Res upp! Life is GOOD!

I received my copy of this book, courtesy Nimbus Publishing. You can find FLIGHT OF THE GRIFFONS by Kate Inglis online, or at an independent brick-and-mortar bookstore near you!

About the author

tanita s. davis is a writer and avid reader who prefers books to most things in the world, including people. That's ...pretty much it, she's very boring and she can't even tell jokes. She is, however, the author of nine books, including Serena Says, Partly Cloudy, Go Figure, Henri Weldon, and the Coretta Scott King honored Mare's War. Look for her new MG, The Science of Friendship in 1/2024 from Katherine Tegen Books.


  1. Oh, Tanita, thank you ever so much! I just tripped over this entirely by accident, searching for something else, and I am amazed at how quickly and how thoroughly you shared your thoughts on the book. This is the first review I've seen, and I'm so profoundly impressed by all your reflections.

    You've reminded me to save up to hire Sydney for a Crummies crew list as well, perhaps for the second edition and to release online. Eli Bottom is an African American character – the jury rigger for the Crummies who picks up and teases Missy in Ontario – and so is Norah Preston, their electrician. She's named after East Preston, the first free black town in North America (it's here in Nova Scotia). Brock, the Griffons' wireman that you noted due to the illustrated Griffons roster in the book, is one of several characters who just happened to be one of the quiet ones, in my head, along with many others of many different backgrounds on both crews.

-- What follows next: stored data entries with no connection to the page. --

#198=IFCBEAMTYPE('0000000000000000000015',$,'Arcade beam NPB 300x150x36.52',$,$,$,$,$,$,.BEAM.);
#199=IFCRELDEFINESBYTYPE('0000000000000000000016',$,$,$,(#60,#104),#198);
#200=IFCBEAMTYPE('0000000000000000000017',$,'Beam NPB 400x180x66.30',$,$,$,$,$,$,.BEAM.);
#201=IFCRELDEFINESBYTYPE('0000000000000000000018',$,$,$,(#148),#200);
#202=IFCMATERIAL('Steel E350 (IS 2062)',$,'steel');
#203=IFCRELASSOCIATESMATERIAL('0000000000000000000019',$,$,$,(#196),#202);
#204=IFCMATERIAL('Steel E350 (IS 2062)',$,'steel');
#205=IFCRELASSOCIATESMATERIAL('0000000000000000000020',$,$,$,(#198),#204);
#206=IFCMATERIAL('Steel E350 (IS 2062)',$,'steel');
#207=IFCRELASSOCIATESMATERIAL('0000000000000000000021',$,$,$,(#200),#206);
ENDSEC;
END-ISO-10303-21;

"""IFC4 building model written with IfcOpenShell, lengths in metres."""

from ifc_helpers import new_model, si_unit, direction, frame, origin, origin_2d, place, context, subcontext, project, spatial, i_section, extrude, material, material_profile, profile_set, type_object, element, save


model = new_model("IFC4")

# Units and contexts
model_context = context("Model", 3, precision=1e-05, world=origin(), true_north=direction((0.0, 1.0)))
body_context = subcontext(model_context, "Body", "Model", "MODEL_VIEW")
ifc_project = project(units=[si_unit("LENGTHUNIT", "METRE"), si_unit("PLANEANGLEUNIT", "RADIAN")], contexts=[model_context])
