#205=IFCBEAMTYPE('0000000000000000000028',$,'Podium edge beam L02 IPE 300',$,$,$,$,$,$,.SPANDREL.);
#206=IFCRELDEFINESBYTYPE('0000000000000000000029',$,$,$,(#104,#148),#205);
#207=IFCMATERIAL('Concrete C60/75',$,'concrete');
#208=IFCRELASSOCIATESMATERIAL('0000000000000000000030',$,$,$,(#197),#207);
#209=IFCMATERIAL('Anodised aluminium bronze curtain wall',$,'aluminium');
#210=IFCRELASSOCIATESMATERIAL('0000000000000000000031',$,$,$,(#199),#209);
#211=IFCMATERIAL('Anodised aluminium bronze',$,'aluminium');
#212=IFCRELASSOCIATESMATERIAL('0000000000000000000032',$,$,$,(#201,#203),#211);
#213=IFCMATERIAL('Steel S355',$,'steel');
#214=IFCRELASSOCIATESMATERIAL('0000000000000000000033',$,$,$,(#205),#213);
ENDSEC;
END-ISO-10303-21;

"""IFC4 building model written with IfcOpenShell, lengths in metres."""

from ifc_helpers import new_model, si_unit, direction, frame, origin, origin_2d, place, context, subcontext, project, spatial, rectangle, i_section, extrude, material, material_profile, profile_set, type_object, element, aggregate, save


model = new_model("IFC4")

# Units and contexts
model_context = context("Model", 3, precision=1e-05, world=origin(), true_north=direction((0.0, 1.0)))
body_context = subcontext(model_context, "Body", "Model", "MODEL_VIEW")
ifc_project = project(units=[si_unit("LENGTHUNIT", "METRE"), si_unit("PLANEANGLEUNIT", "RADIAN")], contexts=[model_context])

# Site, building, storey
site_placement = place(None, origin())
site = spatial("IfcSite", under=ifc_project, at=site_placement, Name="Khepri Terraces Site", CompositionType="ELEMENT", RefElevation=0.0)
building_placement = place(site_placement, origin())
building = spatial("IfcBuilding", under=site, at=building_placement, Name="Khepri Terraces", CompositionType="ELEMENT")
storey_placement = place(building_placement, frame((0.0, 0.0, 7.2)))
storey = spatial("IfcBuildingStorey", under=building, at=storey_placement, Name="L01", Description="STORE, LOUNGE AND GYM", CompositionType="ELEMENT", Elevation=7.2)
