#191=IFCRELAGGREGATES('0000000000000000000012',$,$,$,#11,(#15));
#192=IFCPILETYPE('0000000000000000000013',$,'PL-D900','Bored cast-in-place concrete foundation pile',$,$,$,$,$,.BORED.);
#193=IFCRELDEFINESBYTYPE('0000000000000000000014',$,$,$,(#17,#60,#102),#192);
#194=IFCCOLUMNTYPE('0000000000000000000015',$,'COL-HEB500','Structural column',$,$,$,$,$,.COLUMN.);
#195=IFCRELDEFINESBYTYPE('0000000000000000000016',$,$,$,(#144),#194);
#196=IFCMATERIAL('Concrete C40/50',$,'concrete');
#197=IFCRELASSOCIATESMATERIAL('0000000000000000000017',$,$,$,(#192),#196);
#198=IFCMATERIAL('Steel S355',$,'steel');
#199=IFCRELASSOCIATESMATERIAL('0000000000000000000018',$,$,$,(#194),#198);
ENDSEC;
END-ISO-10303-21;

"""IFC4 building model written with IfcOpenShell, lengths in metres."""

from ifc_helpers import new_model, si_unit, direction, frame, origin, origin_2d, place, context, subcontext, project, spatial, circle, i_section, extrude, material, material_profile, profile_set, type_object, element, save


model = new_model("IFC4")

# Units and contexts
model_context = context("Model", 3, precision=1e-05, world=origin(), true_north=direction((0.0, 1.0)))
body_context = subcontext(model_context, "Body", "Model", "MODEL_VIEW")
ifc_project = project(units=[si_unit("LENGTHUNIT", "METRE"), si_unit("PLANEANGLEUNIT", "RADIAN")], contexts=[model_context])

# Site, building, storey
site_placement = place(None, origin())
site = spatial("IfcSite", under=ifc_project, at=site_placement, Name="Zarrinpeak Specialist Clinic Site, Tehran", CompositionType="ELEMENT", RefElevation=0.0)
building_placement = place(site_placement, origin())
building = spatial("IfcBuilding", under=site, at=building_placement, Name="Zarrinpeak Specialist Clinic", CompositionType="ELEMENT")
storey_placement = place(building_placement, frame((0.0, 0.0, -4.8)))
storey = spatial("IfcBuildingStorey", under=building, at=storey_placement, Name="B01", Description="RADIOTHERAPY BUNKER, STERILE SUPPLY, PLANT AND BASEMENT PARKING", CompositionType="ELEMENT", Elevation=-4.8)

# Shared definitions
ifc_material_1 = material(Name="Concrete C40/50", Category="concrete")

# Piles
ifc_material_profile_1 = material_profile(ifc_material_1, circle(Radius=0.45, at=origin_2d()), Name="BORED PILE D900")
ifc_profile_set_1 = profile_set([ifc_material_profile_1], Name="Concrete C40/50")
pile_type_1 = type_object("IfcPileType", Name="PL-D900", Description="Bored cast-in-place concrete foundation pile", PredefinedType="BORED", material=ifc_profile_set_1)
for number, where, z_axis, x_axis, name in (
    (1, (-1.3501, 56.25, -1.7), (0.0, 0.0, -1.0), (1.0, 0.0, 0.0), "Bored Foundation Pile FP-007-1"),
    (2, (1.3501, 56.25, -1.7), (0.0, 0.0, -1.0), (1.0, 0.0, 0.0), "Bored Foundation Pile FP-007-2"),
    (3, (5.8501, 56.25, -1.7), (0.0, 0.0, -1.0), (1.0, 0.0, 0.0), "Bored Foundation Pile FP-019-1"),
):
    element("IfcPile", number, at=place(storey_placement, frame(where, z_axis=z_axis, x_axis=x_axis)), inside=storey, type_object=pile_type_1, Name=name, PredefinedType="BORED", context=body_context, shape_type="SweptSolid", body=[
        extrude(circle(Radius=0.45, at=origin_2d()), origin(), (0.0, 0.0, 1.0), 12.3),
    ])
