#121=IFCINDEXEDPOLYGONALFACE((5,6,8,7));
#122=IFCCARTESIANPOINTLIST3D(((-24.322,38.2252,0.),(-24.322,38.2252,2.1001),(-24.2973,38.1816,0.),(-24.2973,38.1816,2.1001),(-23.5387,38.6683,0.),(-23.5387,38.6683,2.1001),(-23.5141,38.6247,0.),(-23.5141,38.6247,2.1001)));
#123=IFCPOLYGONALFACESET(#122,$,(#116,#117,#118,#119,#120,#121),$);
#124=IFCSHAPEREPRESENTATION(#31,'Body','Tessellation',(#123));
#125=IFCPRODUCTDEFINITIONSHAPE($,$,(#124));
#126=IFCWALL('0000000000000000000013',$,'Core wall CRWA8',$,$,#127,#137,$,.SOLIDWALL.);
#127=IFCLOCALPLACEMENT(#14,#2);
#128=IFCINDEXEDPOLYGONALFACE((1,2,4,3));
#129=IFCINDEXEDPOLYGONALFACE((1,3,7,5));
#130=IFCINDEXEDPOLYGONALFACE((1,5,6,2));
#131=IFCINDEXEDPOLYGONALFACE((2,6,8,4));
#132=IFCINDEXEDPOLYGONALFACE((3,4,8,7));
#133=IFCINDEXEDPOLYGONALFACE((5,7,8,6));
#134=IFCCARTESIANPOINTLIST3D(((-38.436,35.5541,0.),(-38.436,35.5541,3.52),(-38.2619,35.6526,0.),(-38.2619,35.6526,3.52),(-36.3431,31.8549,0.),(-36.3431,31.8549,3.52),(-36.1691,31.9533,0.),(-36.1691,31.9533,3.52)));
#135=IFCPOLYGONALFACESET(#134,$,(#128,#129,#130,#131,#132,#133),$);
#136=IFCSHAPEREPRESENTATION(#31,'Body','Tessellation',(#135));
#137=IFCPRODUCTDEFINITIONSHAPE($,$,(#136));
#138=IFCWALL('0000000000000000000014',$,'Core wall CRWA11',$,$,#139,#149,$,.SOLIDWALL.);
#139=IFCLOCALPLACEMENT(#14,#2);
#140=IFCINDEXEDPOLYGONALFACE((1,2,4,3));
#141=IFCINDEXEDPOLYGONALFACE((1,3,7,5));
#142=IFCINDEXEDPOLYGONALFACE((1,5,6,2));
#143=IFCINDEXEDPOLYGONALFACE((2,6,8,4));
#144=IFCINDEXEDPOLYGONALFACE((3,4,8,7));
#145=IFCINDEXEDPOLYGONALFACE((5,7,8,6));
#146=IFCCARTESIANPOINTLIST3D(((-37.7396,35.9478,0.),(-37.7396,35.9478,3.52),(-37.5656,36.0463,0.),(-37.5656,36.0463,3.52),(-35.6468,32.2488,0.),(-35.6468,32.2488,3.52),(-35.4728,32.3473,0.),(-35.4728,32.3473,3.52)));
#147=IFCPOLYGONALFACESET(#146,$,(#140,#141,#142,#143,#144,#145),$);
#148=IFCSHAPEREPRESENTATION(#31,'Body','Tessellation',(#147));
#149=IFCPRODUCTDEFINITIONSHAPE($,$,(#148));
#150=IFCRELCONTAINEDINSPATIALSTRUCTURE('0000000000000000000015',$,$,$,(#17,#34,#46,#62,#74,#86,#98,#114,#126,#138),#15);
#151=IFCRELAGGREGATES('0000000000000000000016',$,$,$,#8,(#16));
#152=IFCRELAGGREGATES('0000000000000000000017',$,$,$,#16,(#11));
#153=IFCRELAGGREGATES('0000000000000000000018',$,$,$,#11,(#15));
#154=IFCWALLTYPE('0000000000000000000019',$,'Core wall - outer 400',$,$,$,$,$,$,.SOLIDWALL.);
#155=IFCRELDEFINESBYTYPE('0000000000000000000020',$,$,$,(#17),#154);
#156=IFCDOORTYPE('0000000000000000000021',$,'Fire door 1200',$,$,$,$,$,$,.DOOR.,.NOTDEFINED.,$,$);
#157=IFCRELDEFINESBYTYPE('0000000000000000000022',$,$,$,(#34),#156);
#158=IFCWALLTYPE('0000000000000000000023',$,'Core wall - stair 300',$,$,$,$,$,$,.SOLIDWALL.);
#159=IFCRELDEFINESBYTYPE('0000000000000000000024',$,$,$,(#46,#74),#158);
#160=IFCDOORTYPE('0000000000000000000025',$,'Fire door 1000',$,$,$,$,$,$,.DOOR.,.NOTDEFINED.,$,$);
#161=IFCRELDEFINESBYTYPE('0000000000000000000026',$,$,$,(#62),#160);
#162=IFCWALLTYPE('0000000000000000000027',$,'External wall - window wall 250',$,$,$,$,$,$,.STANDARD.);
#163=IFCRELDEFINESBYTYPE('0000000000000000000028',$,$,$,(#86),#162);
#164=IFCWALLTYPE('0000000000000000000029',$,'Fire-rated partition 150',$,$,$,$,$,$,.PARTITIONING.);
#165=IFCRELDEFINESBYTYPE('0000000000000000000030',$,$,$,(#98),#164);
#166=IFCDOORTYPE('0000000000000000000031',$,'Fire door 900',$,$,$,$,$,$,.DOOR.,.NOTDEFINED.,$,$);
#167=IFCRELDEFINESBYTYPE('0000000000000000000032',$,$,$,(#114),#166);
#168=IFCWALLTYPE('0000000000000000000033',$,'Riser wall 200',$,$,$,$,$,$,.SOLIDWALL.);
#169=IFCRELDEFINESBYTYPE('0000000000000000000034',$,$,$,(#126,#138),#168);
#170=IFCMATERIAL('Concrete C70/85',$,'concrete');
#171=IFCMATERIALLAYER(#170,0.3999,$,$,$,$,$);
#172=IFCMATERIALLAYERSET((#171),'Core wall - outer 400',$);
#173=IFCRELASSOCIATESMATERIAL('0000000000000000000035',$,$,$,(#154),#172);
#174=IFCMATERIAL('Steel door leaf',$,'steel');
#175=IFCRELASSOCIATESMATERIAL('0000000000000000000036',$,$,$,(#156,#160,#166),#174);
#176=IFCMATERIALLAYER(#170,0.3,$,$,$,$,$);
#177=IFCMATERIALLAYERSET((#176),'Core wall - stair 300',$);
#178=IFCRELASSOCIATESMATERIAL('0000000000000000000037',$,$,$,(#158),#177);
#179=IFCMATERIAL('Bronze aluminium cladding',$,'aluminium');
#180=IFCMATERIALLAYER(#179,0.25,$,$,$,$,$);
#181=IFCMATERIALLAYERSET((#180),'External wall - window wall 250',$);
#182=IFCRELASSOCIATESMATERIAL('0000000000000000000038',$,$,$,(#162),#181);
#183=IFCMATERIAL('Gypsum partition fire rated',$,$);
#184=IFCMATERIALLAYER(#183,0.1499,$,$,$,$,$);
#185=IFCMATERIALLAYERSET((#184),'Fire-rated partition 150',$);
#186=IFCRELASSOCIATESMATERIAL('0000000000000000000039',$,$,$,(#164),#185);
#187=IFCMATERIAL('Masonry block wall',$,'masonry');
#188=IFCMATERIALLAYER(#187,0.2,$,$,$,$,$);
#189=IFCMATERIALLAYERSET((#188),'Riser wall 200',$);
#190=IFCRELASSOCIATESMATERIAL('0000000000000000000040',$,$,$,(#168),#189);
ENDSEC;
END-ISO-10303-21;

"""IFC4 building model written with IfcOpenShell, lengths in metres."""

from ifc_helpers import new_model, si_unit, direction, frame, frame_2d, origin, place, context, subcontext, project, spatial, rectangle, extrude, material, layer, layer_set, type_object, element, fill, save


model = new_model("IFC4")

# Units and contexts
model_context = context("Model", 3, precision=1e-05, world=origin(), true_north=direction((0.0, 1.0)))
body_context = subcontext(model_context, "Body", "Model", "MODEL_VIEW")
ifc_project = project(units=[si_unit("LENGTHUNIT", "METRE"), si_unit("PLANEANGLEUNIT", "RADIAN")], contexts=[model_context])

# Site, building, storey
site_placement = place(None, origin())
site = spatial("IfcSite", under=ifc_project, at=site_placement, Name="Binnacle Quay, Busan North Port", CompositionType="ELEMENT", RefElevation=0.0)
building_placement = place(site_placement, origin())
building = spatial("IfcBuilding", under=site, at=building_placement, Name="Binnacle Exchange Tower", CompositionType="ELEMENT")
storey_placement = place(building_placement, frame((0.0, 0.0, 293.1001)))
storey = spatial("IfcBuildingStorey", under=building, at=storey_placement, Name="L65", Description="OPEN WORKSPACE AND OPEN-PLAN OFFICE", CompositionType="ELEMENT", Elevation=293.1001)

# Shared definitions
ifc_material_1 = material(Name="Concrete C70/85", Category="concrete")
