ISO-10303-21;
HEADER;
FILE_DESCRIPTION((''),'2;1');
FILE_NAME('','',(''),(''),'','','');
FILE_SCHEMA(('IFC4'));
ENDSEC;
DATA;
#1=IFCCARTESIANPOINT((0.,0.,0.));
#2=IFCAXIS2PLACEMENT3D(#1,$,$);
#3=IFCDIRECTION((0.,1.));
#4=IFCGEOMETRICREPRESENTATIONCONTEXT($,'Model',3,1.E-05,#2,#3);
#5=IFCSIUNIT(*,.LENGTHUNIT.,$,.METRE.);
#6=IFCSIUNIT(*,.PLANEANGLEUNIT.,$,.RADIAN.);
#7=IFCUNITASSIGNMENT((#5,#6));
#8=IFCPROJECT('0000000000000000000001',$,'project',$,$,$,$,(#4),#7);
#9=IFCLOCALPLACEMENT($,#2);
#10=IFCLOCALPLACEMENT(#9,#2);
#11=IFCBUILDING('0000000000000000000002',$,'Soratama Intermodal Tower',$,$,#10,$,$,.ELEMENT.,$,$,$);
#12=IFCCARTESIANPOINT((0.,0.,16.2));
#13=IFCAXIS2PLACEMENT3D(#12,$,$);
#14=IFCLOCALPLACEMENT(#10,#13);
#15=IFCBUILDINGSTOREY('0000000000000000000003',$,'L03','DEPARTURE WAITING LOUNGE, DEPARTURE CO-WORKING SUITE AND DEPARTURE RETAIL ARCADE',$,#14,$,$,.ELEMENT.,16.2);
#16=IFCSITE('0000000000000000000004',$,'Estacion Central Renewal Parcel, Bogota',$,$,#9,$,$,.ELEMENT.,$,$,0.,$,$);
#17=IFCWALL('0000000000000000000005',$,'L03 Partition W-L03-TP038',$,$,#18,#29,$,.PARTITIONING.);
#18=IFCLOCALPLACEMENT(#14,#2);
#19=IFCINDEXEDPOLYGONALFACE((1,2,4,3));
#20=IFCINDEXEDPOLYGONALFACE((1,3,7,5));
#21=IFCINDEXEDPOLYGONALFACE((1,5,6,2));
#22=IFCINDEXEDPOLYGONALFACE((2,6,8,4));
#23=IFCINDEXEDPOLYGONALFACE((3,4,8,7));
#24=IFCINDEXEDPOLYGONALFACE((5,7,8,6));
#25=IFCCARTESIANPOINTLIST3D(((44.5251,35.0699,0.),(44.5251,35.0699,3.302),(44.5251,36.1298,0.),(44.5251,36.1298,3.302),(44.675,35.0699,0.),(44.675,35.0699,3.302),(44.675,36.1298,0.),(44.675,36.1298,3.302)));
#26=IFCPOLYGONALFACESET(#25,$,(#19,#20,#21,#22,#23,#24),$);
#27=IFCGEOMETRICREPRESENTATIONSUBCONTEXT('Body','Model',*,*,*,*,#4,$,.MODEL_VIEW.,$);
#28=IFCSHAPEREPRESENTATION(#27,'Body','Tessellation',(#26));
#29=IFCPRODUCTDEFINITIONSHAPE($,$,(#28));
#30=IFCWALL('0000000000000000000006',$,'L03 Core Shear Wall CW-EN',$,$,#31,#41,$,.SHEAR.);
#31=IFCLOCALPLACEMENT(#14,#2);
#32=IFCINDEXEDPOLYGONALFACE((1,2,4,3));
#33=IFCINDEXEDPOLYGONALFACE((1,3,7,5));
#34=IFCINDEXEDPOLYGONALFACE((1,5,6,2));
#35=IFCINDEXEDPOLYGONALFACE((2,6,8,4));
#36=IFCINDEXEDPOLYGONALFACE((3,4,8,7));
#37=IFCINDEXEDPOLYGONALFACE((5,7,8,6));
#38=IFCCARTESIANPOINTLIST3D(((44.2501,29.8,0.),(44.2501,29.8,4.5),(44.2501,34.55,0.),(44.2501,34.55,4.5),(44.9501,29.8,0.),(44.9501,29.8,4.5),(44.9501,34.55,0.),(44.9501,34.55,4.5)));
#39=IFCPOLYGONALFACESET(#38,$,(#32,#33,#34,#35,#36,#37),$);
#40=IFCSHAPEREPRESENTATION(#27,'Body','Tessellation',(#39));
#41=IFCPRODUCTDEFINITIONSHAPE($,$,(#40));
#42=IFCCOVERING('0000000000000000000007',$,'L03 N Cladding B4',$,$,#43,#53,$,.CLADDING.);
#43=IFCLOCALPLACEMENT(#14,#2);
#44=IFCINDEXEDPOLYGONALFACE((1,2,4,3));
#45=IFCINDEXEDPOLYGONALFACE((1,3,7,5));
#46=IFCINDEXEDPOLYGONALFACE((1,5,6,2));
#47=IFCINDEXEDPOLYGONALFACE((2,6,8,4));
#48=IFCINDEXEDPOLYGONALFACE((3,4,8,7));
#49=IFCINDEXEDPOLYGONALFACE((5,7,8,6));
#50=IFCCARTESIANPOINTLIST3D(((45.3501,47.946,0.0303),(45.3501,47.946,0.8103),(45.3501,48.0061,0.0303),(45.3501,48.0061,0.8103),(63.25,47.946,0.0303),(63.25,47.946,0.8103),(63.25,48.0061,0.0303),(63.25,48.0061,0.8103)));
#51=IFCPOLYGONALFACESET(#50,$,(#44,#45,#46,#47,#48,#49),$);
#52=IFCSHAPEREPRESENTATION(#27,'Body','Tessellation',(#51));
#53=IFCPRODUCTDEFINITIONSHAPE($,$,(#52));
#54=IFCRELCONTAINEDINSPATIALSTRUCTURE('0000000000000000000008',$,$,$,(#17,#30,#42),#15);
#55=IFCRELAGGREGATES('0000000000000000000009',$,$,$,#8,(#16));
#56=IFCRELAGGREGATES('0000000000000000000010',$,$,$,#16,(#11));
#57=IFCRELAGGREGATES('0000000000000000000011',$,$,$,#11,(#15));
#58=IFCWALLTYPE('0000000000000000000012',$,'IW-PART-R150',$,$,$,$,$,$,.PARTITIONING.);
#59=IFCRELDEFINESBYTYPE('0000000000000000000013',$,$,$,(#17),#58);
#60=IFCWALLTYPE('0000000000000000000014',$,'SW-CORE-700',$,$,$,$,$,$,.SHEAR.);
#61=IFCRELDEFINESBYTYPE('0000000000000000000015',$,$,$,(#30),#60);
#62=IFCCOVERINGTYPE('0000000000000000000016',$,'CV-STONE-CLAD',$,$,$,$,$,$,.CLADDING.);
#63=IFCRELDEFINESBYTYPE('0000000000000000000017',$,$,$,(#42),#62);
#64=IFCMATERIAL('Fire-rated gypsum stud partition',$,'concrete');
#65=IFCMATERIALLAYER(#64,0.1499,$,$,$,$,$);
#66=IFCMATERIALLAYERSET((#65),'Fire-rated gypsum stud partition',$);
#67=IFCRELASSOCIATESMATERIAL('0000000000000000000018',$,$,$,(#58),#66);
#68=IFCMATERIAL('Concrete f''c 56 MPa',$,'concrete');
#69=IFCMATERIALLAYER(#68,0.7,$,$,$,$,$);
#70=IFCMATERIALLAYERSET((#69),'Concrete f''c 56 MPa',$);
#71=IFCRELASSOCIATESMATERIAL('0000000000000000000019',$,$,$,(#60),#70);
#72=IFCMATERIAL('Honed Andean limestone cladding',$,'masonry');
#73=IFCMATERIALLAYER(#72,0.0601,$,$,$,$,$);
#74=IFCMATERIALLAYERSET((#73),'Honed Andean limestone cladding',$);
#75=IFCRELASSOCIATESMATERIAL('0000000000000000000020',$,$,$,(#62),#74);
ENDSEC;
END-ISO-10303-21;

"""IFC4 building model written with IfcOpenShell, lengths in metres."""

from ifc_helpers import new_model, si_unit, direction, frame, frame_2d, origin, origin_2d, place, context, subcontext, project, spatial, rectangle, extrude, material, layer, layer_set, type_object, element, save


model = new_model("IFC4")

# Units and contexts
model_context = context("Model", 3, precision=1e-05, world=origin(), true_north=direction((0.0, 1.0)))
body_context = subcontext(model_context, "Body", "Model", "MODEL_VIEW")
ifc_project = project(units=[si_unit("LENGTHUNIT", "METRE"), si_unit("PLANEANGLEUNIT", "RADIAN")], contexts=[model_context])

# Site, building, storey
site_placement = place(None, origin())
site = spatial("IfcSite", under=ifc_project, at=site_placement, Name="Estacion Central Renewal Parcel, Bogota", CompositionType="ELEMENT", RefElevation=0.0)
building_placement = place(site_placement, origin())
building = spatial("IfcBuilding", under=site, at=building_placement, Name="Soratama Intermodal Tower", CompositionType="ELEMENT")
storey_placement = place(building_placement, frame((0.0, 0.0, 16.2)))
storey = spatial("IfcBuildingStorey", under=building, at=storey_placement, Name="L03", Description="DEPARTURE WAITING LOUNGE, DEPARTURE CO-WORKING SUITE AND DEPARTURE RETAIL ARCADE", CompositionType="ELEMENT", Elevation=16.2)

# Shared definitions
ifc_material_1 = material(Name="Fire-rated gypsum stud partition", Category="concrete")
ifc_layer_1 = layer(ifc_material_1, 0.1499)
ifc_layer_set_1 = layer_set([ifc_layer_1], Name="Fire-rated gypsum stud partition")
wall_type_1 = type_object("IfcWallType", Name="IW-PART-R150", PredefinedType="PARTITIONING", material=ifc_layer_set_1)

# Walls
wall_1_placement = place(storey_placement, frame((44.6001, 35.0701, 0.0), z_axis=(0.0, 0.0, 1.0), x_axis=(0.0, 1.0, 0.0)))
element("IfcWall", 1, at=wall_1_placement, inside=storey, type_object=wall_type_1, Name="L03 Partition W-L03-TP038", PredefinedType="PARTITIONING", context=body_context, shape_type="SweptSolid", body=[
    extrude(rectangle(XDim=1.0598, YDim=0.1499, at=frame_2d((0.5298, 0.0))), origin(), (0.0, 0.0, 1.0), 3.302),
])
ifc_material_2 = material(Name="Concrete f'c 56 MPa", Category="concrete")
ifc_layer_2 = layer(ifc_material_2, 0.7)
ifc_layer_set_2 = layer_set([ifc_layer_2], Name="Concrete f'c 56 MPa")
wall_type_2 = type_object("IfcWallType", Name="SW-CORE-700", PredefinedType="SHEAR", material=ifc_layer_set_2)
wall_2_placement = place(storey_placement, frame((44.6001, 29.8, 0.0), z_axis=(0.0, 0.0, 1.0), x_axis=(0.0, 1.0, 0.0)))
element("IfcWall", 2, at=wall_2_placement, inside=storey, type_object=wall_type_2, Name="L03 Core Shear Wall CW-EN", PredefinedType="SHEAR", context=body_context, shape_type="SweptSolid", body=[
    extrude(rectangle(XDim=4.75, YDim=0.7, at=frame_2d((2.375, 0.0))), origin(), (0.0, 0.0, 1.0), 4.5),
])

# Covering
ifc_material_3 = material(Name="Honed Andean limestone cladding", Category="masonry")
ifc_layer_3 = layer(ifc_material_3, 0.0601)
ifc_layer_set_3 = layer_set([ifc_layer_3], Name="Honed Andean limestone cladding")
covering_type = type_object("IfcCoveringType", Name="CV-STONE-CLAD", PredefinedType="CLADDING", material=ifc_layer_set_3)
covering_placement = place(storey_placement, frame((54.3, 47.9761, 0.0303), z_axis=(0.0, 0.0, 1.0), x_axis=(1.0, 0.0, 0.0)))
element("IfcCovering", 3, at=covering_placement, inside=storey, type_object=covering_type, Name="L03 N Cladding B4", PredefinedType="CLADDING", context=body_context, shape_type="SweptSolid", body=[
    extrude(rectangle(XDim=17.8999, YDim=0.0601, at=origin_2d()), origin(), (0.0, 0.0, 1.0), 0.78),
])

save(model, "model.ifc")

    It's such an interesting journey, the ones who step forward and wind up having a voice. But your feedback on keeping the characters straight is really lighting a fire in me to offer as many doughnuts and gold coins as I can to Syd to get just one more crew roster out of him. 🙂

    I am so thrilled today! Thank you for being one of the very first people to finish the book, let alone offer such a colourful and excellent commentary. It means so much.
    Kate Inglis

  2. @ Kate Inglis: YOU ROCK!!!! Thank you for such a smashing book.
    What fun that mine is the first review you've read! Joy to you, and may you write more and more. This is a superb, truly superb adventure, and I really enjoyed it! Again, thanks!